On May 4, 1966, Brown was seriously injured after running into Indians teammate Leon Wagner while playing the New York Yankees in Yankee Stadium. Brown suffered a skull fracture and facial injuries and was admitted to the Lenox Hill Hospital. He was on the disabled list for six weeks, returning to the active roster on June 17. He struck out in one plate appearance as a pinch hitter and played second base for two innings late in the game as Cleveland lost to the Yankees in New York.

In 1970, he lost his starting job to a young Jack Heidemann, and on April 24, 1971, he was sold to the Athletics for an estimated $50,000.
He would end up hitting below .200 during his time with the Athletics, and in 1973 he was signed by the Orioles. He played only 17 games with them that season, batting .250. He finished his career with the Rangers in 1974. He played his final game on September 29 of that year.

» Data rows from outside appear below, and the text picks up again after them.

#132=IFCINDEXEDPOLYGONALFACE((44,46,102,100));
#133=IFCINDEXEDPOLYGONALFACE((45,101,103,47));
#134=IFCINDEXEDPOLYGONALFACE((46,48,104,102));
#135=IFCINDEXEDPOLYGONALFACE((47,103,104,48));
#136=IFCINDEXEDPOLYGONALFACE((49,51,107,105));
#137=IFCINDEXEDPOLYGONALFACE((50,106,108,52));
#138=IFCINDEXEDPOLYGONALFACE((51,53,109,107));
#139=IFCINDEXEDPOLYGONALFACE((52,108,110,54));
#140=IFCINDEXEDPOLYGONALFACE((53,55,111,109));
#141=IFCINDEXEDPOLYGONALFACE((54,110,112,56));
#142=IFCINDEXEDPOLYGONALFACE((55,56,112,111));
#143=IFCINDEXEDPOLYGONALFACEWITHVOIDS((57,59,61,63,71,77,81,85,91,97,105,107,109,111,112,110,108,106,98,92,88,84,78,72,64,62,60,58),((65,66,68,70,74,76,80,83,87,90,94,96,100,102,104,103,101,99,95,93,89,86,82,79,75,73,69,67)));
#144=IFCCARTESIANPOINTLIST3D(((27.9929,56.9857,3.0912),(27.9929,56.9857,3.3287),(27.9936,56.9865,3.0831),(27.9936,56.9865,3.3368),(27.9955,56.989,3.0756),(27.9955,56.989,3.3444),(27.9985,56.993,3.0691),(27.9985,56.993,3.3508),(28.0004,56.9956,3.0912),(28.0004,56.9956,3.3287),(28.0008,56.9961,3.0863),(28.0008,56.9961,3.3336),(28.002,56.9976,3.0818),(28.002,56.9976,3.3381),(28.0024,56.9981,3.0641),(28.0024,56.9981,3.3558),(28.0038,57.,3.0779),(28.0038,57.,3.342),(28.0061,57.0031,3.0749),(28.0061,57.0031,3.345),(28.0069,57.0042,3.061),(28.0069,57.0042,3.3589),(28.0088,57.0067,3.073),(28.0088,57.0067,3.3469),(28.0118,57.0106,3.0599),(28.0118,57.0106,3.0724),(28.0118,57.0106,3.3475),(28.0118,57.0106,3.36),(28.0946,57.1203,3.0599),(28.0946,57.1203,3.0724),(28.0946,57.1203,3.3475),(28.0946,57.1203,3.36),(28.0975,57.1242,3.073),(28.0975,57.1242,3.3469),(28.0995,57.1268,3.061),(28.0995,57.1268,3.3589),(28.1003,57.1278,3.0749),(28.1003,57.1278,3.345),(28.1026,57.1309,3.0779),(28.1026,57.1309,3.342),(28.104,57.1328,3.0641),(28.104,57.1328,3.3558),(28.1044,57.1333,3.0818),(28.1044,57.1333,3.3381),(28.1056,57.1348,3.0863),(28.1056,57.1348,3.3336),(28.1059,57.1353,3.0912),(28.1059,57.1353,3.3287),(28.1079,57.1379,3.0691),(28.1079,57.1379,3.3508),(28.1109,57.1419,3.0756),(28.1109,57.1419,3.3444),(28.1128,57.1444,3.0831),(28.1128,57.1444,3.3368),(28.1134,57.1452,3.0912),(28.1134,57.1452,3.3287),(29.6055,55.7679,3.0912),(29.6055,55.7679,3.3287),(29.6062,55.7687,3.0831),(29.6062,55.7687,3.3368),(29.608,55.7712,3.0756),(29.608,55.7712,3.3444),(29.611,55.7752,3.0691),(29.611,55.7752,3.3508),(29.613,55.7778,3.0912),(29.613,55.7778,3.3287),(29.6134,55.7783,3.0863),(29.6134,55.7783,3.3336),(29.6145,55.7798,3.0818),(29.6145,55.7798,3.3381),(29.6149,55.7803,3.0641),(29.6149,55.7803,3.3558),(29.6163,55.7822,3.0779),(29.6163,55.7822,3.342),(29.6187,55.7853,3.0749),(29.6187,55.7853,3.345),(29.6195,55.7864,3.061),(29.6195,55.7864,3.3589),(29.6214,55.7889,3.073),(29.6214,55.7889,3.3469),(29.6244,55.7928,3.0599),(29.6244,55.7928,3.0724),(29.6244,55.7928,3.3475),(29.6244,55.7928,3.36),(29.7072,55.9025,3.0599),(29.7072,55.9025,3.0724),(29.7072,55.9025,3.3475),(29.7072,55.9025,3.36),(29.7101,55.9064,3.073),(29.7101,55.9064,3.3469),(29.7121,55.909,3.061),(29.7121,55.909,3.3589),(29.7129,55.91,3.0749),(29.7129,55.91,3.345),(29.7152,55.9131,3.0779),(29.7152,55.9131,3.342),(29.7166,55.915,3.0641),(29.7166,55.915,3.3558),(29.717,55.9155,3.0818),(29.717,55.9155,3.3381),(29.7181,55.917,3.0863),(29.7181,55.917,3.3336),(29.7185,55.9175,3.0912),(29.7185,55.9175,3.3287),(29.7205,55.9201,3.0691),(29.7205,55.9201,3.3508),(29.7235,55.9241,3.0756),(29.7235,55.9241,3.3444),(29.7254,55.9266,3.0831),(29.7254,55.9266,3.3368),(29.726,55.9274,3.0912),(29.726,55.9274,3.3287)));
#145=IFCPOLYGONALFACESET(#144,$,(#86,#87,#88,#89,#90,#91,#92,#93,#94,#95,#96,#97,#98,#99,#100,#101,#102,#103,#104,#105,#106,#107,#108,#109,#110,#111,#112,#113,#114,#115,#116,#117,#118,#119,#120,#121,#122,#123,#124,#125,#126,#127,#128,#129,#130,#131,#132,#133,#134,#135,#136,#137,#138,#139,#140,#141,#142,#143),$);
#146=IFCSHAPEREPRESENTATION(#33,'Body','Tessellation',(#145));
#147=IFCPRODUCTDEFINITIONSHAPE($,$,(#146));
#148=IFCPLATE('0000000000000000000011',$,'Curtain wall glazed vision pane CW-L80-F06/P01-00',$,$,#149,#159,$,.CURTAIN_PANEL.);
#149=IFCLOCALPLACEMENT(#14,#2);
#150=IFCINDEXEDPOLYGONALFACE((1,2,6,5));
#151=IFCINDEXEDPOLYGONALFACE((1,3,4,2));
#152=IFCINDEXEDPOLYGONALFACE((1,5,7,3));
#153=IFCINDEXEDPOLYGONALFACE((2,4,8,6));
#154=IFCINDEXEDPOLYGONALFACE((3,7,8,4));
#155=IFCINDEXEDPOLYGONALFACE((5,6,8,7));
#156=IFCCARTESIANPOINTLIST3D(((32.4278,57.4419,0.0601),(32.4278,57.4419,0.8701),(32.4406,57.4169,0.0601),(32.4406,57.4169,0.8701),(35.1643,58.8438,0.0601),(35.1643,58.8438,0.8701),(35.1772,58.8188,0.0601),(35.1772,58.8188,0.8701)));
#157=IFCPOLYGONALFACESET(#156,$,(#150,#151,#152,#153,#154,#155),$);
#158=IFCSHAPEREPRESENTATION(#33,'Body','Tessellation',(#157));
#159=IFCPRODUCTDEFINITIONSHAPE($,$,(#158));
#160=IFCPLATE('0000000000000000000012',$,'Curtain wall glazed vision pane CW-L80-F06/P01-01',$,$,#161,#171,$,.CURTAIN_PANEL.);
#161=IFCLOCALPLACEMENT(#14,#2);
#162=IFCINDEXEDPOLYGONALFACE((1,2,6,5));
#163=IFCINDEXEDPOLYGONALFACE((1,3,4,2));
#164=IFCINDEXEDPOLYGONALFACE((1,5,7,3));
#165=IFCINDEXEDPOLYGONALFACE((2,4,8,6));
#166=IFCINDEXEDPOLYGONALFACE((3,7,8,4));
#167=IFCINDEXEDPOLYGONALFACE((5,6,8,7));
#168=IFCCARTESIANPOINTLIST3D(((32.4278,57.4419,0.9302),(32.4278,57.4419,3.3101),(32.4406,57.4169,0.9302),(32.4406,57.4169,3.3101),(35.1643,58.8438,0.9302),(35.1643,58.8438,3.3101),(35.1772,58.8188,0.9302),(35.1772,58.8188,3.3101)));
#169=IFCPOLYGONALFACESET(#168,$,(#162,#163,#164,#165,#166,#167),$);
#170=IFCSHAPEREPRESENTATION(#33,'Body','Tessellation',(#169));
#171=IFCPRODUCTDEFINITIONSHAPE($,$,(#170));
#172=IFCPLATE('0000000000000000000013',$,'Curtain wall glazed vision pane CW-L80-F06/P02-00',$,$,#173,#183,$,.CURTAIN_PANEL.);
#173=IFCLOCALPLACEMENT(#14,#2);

Overall, he hit .233 with 47 career home runs and 254 RBI. Brown ranked in the top 5 in sacrifice hits (1965 and 1967). He also ranked in the top ten in intentional walks in 1968, and because of his good eye at the plate, he ranked in the top ten for best at-bats per strikeout ratio twice (1968 and 1969). His fielding percentage stood at .966.

==Personal life==
Brown and his wife, Helen, lived in Palm Beach, Florida. He died in Stuart, Florida, on April 13, 2024, at the age of 84.